Agricultural Research Service

Title: Food Processing Reduces Size of Soluble Cereal B-Glucan Polymers Without Loss of Cholesterol-Reducing Properties.

Authors
item Yokoyama, Wallace
item Knuckles, Benny
item Wood, Delilah
item Inglett, George

Submitted to: American Chemical Society Abstracts
Publication Type: Proceedings
Publication Acceptance Date: March 30, 2000
Publication Date: February 27, 2002

Technical Abstract: Mixed linkage, B-glucan, a form of soluble fiber, found in oat, barley and in small quantities in other cereal grains reduces plasma cholesterol levels in humans and may have other healthful properties. High plasma cholesterol is a risk factor for cardiovascular disease. Whole oat products containing b-glucans have been awarded the right to claim health benefits related to cardiovascular disease by the US FDA. B-glucans also reduce the postprandial rise of glucose and insulin, suggesting a role in diabetes management.

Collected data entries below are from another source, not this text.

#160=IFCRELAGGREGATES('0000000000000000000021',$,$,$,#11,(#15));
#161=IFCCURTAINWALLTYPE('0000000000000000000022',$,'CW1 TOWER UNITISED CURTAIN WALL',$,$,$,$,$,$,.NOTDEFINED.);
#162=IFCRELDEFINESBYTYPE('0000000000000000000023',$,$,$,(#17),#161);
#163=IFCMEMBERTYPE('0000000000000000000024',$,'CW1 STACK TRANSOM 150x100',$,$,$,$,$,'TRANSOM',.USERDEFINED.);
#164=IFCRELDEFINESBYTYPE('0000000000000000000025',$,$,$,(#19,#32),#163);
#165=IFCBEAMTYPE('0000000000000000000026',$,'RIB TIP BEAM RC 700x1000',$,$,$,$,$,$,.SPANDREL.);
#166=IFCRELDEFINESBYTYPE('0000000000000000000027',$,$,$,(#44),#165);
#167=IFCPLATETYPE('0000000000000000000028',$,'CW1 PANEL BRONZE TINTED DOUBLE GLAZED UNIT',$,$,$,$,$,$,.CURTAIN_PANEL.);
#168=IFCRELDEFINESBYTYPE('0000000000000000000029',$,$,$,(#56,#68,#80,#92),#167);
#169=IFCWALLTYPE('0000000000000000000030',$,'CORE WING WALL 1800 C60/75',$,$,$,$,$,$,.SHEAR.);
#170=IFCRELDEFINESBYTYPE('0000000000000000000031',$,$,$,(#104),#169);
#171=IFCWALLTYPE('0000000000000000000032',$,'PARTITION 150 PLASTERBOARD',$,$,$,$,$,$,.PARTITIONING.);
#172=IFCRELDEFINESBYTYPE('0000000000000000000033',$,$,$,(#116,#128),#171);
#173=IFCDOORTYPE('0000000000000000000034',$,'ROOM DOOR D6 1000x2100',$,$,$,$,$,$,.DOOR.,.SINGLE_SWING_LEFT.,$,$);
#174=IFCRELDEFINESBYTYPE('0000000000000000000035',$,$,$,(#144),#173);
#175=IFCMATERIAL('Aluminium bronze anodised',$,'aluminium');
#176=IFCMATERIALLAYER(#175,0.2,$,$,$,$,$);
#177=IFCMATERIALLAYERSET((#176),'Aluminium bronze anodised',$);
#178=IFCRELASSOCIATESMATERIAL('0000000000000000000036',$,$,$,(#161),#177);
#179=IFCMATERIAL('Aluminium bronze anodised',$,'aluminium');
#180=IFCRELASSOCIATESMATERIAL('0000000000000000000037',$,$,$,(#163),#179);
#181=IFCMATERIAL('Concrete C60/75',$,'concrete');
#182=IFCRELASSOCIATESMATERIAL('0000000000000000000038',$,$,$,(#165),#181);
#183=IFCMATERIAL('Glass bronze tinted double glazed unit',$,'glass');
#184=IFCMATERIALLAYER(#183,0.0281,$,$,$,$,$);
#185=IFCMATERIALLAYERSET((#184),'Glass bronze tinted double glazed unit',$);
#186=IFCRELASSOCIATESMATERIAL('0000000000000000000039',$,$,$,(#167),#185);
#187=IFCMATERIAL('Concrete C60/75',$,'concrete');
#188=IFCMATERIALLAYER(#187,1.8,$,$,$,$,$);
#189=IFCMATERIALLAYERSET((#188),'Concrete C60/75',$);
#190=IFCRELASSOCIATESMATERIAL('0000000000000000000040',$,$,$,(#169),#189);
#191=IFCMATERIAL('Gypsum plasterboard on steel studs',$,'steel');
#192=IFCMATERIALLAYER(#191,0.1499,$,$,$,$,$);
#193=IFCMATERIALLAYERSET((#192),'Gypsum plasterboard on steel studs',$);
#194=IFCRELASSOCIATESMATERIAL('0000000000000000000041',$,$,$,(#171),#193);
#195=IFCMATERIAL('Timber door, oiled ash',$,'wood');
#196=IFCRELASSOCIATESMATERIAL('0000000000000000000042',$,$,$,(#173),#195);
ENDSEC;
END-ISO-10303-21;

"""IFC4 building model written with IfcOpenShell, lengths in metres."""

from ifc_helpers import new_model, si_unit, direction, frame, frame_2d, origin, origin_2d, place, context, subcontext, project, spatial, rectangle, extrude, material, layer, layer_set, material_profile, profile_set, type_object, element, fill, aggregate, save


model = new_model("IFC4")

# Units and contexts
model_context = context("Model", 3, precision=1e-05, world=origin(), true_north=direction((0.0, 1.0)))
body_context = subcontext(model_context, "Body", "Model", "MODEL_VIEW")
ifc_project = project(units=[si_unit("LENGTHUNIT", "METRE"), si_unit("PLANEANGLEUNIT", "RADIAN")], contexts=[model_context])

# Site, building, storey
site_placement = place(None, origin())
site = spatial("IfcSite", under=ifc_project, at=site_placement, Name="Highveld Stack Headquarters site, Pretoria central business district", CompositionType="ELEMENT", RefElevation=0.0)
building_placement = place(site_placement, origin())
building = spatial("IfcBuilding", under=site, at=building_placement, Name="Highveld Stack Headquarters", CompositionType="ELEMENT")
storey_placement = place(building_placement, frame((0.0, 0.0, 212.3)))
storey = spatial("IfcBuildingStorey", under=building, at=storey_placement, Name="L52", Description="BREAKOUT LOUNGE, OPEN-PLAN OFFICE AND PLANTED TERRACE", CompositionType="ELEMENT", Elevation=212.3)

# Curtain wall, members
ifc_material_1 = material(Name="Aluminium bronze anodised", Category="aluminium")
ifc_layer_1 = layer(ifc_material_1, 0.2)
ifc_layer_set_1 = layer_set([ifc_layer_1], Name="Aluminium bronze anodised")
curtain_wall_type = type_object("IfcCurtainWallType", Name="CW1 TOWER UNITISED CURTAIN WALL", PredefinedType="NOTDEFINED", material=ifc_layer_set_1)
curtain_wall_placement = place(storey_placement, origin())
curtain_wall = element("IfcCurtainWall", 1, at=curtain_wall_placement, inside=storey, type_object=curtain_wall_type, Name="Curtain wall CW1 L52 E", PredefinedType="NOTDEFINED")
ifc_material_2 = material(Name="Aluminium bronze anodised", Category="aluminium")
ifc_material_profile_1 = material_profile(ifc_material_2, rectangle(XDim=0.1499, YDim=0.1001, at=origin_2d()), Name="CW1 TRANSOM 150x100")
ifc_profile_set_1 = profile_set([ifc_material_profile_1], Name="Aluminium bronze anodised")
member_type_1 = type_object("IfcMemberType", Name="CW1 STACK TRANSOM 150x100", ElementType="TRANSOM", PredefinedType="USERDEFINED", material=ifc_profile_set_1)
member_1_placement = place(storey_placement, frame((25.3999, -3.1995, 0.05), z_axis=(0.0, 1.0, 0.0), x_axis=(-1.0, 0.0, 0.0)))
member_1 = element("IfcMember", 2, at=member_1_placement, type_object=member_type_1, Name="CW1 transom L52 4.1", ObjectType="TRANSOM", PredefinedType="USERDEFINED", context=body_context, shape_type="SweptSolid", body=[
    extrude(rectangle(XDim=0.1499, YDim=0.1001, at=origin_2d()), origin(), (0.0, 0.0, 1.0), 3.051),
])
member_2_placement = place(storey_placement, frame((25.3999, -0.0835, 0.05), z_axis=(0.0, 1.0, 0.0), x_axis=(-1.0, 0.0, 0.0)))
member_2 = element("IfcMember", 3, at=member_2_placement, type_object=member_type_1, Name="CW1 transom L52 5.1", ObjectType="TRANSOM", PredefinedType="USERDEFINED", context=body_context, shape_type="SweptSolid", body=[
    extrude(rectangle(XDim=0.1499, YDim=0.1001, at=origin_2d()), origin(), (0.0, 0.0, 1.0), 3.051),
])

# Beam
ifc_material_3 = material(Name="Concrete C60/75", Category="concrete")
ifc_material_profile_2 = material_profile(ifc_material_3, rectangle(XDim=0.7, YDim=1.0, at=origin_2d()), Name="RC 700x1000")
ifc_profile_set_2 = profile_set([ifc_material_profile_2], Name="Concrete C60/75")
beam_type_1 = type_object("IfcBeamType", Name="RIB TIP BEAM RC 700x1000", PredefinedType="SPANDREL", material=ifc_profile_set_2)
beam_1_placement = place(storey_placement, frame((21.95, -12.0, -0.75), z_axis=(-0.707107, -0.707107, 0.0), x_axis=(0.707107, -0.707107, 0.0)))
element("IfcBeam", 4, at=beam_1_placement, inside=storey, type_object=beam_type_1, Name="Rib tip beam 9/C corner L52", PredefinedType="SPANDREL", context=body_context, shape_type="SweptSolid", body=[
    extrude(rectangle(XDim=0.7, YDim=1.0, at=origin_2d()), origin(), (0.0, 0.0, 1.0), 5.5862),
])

However, the physiological properties of cereal B-glucans are dependent on their bioavailability and molecular characteristics. Our studies using multiple angle laser light scattering to determine polymer size show that endogenous enzymes and mechanical processes reduce polymer size but that cooking increases bioavailability. Animal studies indicate that the limited polymer size degradation that occurs in food processing does not affect plasma cholesterol lowering properties.